September 11, 2020 – On Thursday, the Senate failed to pass a pared-down coronavirus relief package and the U.S. Department of Labor reported more than 857,000 workers filed new unemployment claims in the past week. Russell Weaver, an economic geographer with Cornell University’s School of Industrial and Labor Relations (ILR) Buffalo Co-Lab says an increase in job losses are likely if appropriate actions are not taken to stimulate the economy.Bio: https://www.ilr.cornell.edu/people/russell-weaver
State and local governments are facing huge revenue shortfalls that will necessitate budget cuts. Those cuts could result in additional public sector job losses at a time of elevated demand for public sector services. Similarly, new weekly unemployment insurance (UI) claims are ticking up again, as are cases of COVID-19 both nationally and across New York State.
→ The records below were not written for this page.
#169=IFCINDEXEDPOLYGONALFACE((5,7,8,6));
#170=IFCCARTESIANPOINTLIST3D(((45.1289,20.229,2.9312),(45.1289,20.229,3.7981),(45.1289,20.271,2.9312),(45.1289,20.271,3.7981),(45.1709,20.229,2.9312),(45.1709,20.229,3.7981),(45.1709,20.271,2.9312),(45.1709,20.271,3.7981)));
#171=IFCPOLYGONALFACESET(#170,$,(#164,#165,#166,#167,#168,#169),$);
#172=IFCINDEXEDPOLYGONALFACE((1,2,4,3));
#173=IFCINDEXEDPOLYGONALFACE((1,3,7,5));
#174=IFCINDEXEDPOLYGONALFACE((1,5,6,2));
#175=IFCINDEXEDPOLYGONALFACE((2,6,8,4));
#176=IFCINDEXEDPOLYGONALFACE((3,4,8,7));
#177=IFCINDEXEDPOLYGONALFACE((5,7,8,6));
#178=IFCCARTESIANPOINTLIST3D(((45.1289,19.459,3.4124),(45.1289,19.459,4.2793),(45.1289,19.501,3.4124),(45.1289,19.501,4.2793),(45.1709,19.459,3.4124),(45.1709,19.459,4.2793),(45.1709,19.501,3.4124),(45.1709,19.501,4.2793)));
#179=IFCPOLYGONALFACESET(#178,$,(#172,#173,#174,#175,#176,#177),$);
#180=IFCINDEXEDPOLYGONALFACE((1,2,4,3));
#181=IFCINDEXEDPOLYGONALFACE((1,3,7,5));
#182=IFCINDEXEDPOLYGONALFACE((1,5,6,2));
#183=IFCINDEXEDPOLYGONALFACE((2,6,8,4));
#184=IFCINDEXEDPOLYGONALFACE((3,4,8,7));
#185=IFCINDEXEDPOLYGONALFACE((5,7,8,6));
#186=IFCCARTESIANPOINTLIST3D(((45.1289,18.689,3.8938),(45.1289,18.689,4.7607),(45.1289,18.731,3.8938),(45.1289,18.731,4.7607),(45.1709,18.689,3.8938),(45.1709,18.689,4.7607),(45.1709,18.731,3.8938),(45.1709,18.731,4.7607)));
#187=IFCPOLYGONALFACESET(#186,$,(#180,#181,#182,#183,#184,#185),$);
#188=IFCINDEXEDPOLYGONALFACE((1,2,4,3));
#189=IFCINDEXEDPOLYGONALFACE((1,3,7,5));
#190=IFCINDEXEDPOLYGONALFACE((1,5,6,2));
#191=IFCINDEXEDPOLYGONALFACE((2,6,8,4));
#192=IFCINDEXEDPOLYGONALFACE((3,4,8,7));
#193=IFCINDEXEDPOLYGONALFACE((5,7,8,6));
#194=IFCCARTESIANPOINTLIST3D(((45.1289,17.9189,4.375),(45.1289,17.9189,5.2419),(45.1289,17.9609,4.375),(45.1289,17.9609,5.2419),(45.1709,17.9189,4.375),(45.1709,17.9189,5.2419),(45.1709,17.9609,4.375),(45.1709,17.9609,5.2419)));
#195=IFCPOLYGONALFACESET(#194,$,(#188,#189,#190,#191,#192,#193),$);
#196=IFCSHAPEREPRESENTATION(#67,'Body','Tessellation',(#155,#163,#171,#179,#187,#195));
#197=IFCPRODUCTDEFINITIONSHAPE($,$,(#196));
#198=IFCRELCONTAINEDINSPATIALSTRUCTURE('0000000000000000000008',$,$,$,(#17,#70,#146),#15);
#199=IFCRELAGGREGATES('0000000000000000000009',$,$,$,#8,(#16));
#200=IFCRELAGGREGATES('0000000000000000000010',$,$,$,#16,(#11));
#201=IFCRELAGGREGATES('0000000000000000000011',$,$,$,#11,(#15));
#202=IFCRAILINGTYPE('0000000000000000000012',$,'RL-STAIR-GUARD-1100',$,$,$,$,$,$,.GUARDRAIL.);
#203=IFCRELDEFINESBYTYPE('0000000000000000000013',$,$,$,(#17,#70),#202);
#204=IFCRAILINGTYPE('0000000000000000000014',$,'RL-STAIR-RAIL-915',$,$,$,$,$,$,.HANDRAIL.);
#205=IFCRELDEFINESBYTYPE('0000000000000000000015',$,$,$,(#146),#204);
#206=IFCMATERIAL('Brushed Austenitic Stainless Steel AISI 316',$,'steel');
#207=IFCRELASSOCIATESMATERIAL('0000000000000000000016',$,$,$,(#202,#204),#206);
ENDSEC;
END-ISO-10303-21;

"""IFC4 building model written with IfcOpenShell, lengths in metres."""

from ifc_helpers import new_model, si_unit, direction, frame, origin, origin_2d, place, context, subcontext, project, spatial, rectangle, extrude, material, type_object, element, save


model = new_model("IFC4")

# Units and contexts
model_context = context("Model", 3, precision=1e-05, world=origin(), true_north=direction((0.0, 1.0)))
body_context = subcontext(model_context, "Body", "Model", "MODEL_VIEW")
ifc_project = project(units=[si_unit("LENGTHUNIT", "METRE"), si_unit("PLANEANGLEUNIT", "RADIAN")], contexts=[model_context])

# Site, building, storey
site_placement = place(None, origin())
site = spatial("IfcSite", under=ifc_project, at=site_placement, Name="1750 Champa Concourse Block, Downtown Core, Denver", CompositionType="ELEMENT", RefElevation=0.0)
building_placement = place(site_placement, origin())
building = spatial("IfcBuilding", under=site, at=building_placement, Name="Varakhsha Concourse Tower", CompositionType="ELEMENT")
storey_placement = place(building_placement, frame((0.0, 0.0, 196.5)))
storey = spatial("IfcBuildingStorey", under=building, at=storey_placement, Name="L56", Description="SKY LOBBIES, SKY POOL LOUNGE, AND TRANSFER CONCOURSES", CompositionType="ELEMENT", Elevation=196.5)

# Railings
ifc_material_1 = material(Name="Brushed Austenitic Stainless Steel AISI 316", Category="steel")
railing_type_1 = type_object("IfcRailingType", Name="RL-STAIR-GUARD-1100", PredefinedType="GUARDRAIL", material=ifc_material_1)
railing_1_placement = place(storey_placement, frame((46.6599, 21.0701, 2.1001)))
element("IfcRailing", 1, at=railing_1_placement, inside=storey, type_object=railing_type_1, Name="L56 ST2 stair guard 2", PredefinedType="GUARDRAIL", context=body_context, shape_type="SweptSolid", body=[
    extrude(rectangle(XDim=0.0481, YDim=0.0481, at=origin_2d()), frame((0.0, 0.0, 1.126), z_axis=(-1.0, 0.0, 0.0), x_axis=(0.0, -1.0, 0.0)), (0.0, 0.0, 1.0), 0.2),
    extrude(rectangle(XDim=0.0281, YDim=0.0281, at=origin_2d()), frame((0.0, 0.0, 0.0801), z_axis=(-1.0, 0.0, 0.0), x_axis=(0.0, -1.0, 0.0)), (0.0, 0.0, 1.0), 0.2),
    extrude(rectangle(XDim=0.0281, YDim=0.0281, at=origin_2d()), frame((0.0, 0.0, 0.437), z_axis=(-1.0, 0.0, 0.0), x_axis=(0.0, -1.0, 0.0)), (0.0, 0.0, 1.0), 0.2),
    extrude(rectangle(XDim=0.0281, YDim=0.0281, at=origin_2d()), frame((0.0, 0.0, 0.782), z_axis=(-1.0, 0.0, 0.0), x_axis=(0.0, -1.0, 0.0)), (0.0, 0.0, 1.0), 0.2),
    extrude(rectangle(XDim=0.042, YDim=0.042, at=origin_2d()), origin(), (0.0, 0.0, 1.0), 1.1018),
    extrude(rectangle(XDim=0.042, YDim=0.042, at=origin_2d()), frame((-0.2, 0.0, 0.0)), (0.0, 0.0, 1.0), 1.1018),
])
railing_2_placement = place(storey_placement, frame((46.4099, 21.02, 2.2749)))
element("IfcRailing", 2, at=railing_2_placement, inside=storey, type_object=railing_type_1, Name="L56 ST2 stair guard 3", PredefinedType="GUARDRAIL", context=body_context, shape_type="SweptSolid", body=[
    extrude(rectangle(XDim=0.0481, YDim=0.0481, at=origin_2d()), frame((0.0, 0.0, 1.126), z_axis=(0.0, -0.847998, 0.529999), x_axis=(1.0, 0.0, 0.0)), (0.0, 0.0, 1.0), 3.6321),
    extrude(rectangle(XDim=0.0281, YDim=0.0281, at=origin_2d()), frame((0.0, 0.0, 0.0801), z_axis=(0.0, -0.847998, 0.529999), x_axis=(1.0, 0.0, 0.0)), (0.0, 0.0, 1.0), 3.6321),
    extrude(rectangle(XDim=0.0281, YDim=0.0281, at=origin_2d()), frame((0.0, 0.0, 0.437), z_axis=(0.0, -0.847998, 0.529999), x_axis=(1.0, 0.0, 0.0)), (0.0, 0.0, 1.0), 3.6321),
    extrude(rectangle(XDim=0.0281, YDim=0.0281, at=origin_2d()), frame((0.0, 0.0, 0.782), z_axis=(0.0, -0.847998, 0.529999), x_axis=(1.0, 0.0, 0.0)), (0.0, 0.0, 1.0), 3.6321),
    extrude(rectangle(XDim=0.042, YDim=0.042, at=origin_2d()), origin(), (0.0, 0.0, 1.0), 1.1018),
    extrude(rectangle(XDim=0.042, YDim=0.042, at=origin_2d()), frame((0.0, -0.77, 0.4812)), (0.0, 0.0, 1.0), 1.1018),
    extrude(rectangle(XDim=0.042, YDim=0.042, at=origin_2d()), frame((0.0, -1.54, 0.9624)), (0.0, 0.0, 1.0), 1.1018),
There is compelling evidence that the extended $600/week UI benefits substantially lessened the pandemic’s negative economic impacts, as they enabled households to continue to spend and pay rent despite unprecedented job losses. The expiration of those benefits will likely coincide with reduced household spending on average, particularly among working class households. Lower consumer spending will mean lower sales tax revenues for state and local governments, and lower revenues for many private sector businesses, large and small.
In both cases, public and private, prospects of lower revenues mean that additional job losses are possible if appropriate actions are not taken to stimulate the economy. Renewing the extra UI benefits and providing additional direct cash support to households are two components of a people-centered recovery. Additional federal aid to state and local governments is another one.